Editor’s Note: The following text is a verbatim transcription of an article featuring stories by Captain William O. Benson (1911-1986). Beginning in 1971, Benson, a retired tugboat captain, reminisced about his 40 years on the Hudson River in a regular column for the Kingston (NY) Freeman’s Sunday Tempo magazine. Captain Benson's articles were compiled and transcribed by HRMM volunteers Carl and Joan Mayer. See more of Captain Benson’s articles here. This article was originally published October 31, 1971.
A Riverman’s Log’ New Tempo Feature
TEMPO begins Sunday publication with several new features. And, proud as we are of all of them, the one that promises to become our own personal favorite is a regular column by Captain William O. Benson.
You’ll find the first offering by Capt. Benson taking up a full page spread in this week's issue, complete with nostalgic photos of the tugboat Lion and the steamboat M. Martin, and appearing under the banner headline “Whistles Salute Two Presidents.”

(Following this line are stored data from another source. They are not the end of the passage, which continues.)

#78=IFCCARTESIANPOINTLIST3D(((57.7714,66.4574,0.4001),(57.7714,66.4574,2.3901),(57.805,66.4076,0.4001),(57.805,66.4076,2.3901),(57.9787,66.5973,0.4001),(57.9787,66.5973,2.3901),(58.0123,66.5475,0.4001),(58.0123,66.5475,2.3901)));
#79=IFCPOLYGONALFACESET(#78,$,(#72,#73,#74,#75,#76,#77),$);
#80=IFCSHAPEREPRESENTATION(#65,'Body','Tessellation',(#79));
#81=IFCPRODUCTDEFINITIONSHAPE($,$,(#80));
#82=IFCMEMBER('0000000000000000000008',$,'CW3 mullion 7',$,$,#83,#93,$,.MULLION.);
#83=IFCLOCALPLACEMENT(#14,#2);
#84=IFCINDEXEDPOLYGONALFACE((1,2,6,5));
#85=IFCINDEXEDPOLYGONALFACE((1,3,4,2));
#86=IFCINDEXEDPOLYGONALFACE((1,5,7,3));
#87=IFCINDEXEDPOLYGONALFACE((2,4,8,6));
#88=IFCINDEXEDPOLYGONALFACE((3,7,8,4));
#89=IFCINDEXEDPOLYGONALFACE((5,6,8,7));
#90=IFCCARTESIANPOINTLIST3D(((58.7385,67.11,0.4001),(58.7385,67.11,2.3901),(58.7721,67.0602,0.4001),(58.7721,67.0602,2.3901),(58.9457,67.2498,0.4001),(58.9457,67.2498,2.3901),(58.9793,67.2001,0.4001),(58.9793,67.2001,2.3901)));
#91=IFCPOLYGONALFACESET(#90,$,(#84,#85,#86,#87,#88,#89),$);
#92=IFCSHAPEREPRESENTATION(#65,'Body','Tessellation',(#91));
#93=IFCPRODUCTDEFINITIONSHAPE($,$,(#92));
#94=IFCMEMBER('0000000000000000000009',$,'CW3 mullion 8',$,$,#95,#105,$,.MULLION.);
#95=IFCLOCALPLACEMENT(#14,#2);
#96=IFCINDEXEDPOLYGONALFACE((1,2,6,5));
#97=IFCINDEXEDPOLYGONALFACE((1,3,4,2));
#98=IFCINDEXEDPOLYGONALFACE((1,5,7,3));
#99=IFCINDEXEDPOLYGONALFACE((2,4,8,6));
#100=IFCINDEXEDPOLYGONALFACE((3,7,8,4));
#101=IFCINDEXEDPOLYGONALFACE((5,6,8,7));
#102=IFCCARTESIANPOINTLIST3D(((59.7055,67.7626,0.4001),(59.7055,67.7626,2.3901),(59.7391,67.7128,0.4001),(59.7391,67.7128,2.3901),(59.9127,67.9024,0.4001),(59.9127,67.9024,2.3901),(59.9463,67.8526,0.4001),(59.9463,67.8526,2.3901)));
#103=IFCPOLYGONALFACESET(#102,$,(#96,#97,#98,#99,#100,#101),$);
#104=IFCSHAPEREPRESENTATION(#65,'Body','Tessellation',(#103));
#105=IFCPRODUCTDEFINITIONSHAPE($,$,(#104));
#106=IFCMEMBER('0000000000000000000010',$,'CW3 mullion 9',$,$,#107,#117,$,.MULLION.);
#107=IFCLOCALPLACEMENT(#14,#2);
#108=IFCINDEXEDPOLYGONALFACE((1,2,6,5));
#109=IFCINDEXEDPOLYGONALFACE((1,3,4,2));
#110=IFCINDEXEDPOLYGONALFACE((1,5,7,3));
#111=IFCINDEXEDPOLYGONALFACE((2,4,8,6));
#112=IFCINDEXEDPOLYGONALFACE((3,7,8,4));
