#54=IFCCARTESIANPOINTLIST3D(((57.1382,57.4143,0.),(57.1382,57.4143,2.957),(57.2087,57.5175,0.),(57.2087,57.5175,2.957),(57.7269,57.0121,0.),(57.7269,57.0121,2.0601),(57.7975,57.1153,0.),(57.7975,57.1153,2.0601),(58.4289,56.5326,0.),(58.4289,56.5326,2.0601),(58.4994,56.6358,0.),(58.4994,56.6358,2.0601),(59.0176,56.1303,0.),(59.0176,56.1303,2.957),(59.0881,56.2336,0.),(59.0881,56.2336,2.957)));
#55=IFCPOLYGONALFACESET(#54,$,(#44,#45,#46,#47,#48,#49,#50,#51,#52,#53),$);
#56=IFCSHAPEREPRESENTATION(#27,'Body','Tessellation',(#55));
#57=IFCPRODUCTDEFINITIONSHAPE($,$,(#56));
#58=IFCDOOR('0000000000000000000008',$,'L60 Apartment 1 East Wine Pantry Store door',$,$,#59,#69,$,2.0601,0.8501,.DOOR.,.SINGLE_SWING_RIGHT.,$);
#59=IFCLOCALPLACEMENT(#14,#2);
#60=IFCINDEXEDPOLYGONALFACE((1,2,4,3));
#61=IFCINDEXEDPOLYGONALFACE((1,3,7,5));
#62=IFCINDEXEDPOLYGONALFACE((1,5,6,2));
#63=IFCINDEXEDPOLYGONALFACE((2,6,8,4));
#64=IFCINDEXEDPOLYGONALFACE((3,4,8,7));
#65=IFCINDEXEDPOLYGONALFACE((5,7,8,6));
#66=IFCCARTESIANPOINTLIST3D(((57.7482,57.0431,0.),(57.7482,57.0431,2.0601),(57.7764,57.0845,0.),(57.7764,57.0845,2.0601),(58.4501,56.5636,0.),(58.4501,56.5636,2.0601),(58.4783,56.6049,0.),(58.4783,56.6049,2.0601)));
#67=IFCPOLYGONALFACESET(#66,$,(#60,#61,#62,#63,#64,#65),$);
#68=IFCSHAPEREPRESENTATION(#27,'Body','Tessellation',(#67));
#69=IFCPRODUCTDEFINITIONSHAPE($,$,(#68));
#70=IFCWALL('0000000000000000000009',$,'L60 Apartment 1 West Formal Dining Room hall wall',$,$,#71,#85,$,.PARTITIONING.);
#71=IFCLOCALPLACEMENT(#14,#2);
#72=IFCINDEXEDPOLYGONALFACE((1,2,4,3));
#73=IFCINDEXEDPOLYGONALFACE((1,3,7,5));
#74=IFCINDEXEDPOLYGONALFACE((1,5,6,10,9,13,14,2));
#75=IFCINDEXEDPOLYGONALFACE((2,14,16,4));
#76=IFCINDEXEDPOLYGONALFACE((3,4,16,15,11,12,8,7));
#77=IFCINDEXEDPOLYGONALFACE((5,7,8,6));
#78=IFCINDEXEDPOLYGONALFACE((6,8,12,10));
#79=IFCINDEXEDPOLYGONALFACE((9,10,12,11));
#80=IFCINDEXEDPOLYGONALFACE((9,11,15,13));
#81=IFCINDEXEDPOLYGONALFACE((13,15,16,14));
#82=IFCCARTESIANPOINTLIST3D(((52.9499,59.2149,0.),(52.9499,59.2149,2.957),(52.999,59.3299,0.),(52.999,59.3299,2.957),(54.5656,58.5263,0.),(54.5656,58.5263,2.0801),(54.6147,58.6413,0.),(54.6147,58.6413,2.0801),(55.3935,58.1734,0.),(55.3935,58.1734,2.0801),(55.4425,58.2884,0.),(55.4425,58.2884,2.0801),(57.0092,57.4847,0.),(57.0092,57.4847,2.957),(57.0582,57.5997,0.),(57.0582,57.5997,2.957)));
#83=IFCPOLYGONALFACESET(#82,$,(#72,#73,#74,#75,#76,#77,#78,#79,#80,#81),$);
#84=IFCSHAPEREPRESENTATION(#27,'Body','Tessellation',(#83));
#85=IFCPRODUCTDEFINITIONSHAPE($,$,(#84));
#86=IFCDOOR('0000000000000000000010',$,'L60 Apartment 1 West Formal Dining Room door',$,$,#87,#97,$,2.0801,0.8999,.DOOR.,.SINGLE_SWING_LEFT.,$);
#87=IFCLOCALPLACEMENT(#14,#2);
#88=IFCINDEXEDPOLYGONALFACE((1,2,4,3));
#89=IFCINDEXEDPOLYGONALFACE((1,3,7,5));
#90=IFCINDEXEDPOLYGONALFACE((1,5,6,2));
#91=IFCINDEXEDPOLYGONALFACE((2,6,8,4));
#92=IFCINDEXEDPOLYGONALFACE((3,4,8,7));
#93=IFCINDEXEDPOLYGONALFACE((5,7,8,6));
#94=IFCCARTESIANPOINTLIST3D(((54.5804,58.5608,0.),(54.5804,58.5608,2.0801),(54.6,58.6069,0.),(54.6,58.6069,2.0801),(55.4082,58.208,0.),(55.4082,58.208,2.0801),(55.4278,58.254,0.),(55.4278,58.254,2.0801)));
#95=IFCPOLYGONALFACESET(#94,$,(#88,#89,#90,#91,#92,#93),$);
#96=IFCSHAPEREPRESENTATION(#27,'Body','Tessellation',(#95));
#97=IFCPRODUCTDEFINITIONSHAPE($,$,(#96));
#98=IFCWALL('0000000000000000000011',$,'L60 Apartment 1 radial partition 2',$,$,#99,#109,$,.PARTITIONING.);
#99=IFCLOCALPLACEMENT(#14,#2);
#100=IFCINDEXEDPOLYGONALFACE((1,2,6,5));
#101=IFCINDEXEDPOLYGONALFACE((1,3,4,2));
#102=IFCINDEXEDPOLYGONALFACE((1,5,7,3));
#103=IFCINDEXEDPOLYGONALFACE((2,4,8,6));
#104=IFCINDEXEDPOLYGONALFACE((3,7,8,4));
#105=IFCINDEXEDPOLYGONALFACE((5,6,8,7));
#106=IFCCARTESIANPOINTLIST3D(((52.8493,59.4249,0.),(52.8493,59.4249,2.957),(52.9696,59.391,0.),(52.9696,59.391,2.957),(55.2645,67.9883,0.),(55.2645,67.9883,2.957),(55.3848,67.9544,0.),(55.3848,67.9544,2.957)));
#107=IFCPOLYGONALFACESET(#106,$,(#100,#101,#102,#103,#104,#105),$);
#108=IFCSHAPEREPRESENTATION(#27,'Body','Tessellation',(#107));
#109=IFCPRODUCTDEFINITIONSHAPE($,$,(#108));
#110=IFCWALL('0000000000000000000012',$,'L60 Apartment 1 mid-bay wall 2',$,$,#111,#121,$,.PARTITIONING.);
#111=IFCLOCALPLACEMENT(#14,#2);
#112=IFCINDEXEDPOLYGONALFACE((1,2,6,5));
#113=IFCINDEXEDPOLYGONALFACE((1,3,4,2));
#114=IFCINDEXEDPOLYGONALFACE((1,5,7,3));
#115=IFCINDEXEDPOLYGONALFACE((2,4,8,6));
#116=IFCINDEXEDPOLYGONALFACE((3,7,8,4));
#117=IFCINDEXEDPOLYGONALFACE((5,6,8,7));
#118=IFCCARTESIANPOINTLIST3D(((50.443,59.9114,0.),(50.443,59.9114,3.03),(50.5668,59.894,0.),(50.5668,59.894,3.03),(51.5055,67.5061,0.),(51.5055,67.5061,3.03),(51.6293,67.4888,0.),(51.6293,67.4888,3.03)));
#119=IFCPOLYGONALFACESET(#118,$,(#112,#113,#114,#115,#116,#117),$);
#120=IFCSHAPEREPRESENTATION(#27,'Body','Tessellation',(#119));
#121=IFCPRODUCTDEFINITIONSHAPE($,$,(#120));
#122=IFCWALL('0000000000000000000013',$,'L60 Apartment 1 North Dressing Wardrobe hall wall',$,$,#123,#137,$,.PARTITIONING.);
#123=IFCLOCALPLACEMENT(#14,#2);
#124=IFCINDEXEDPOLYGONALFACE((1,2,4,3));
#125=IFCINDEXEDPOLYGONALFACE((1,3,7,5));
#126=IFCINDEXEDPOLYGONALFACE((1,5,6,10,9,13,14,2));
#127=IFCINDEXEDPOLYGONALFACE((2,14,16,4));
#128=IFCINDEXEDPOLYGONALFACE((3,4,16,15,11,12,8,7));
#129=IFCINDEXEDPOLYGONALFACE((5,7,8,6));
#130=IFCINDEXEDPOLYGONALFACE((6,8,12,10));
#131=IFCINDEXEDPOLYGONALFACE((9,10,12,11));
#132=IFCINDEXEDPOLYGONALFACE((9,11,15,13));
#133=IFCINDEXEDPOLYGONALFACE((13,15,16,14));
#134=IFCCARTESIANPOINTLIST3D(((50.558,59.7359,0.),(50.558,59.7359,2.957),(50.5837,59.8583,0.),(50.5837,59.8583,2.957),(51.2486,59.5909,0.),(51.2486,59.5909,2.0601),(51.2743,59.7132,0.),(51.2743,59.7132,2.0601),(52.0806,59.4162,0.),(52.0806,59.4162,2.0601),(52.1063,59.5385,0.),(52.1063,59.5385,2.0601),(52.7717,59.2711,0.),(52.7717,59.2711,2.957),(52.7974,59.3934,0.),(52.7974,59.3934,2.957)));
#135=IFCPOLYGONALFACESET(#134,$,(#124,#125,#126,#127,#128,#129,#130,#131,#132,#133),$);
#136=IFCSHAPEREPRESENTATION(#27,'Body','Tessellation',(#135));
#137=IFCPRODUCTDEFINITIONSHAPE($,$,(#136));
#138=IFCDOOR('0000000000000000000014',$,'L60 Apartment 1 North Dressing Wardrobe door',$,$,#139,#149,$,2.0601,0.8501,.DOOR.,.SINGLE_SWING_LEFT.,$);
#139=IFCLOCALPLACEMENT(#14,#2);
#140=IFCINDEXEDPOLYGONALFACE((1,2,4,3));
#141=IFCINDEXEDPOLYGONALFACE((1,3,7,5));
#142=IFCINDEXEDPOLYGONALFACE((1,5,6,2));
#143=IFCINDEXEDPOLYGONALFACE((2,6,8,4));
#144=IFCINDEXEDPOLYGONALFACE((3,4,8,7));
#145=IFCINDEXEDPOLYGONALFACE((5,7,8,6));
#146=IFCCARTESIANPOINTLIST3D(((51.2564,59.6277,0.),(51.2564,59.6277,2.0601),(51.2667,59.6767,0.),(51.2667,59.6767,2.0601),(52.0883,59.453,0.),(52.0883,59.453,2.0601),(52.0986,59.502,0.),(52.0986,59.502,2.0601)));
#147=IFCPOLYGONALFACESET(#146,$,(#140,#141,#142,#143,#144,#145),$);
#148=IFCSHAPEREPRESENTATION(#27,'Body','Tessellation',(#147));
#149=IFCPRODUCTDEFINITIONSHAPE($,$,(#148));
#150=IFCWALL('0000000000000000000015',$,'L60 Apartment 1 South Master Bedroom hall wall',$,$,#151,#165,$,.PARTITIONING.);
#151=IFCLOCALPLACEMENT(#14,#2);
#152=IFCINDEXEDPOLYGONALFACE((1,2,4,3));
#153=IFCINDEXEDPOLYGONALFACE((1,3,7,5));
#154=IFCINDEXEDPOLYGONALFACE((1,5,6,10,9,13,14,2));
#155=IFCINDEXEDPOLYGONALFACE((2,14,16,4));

Captain William Odell Benson is a life-long resident of Sleightsburgh, where he was born on March 17, 1911, the son of the late Albert and Ida Olson Benson. As captain of the tugboat Peter Callanan, he retains memories of incidents and anecdotes along the Hudson River; has long known the waterway’s steamboats and the men who manned them. The perfect choice then to author about steamboating on the Hudson in years past.
40 Years on River
Bill Benson's reminiscences on Hudson River life and lore now join this magazine as a regular feature; will be culled from his 40 years of working, will appear weekly for a long time to come.
A river boatman his entire working life, he was closely associated with the Hudson and its steamboats long before he took to the tides himself. His father was ship's carpenter of the famous in-legend Mary Powell; held the same position for the Central Hudson Steamboat Company and the Cornell Steamboat Company. His older brother, Algot J. Benson, before his death in 1923, served as chief mate and pilot of the steamboat Onteora, had been a deckhand and quartermaster on the Mary Powell, and a quartermaster of the Long Island Sound steamers Plymouth, Concord and Naugatuck.
TEMPO’s new contributor can lay claim, as well, to having been named after a Hudson River steamboat. His middle name, “Odell,” derives from the steamboat Benjamin B. Odell, the largest steamer of the old Central Hudson Line, which entered service on the river the year Capt. Benson was born.
The wealth of anecdotes at your columnist’s recall date back to his school days at the old District No. 13 School, Port Ewen. Education completed, he left school in 1927 to work for the Hudson River Day Line at Kingston Point. The years of 1928 and 1929 saw him serving as a deckhand on the old Day Line steamer Albany. Then came a long period (1930 to 1946) as a deckhand, pilot and captain on the tugboats of the Cornell Steamboat Company.
Served on Many Tugs
Those Depression to post-World War II years saw him serving on the Cornell tugs S. L. Crosby, Lion, Jumbo, Bear, Pocahontas, Perseverance, George W. Washburn, R. G. Townsend, Edwin Terry, J. G. Rose, Cornell, Cornell No. 20, Cornell No. 21, Cornell No. 41, John D. Schoonmaker, Rob, and William S. Earl.
During 1946 he captained the tugboat maintained at Poughkeepsie to assist tows to pass safely through that city’s bridges. Since 1947 he’s been pilot and captain on the Callanan Road Improvement Company's tugboats Callanan No. 1 and Peter Callanan, and other tugs that from time to time have been chartered by the Callanan Company.
The steamboat columns we've received in advance read like a riverman’s log of humor and heritage. Suffice it to say that we're looking forward to each new Benson column with as much enthusiasm as any other TEMPO reader. We welcome the captain aboard with a salute of three whistles; look forward to pleasurable hours of reading about the men and the boats of the Hudson's past in the months ahead.
Tug "Callanan No. 1" a Kingston, N.Y. tug at Troy, N.Y., June 25, 1954, 12:30 p.m. Left to right in Pilot House: W.O. Benson (Sleightsburgh, NY); Peter Tucker, (Kingston, NY); Ed Carpenter, cook (Ulster Park, NY); Bud Atkins, deckhand (Port Ewen, NY); Chris Mancuso, deckhand (Greenpoint, NY); Jim Malene, 1st Assistant Engineer (Kingston, NY);Teddy/Theodore Crowl, 2nd Assistant Engineer, (Farmingdale, NY).
Captain William Odell Benson was a life-long resident of Sleightsburgh, N.Y., where he was born on March 17, 1911, the son of the late Albert and Ida Olson Benson. He served as captain of Callanan Company tugs including Peter Callanan, and Callanan No. 1 and was an early member of the Hudson River Maritime Museum. He retained, and shared, lifelong memories of incidents and anecdotes along the Hudson River.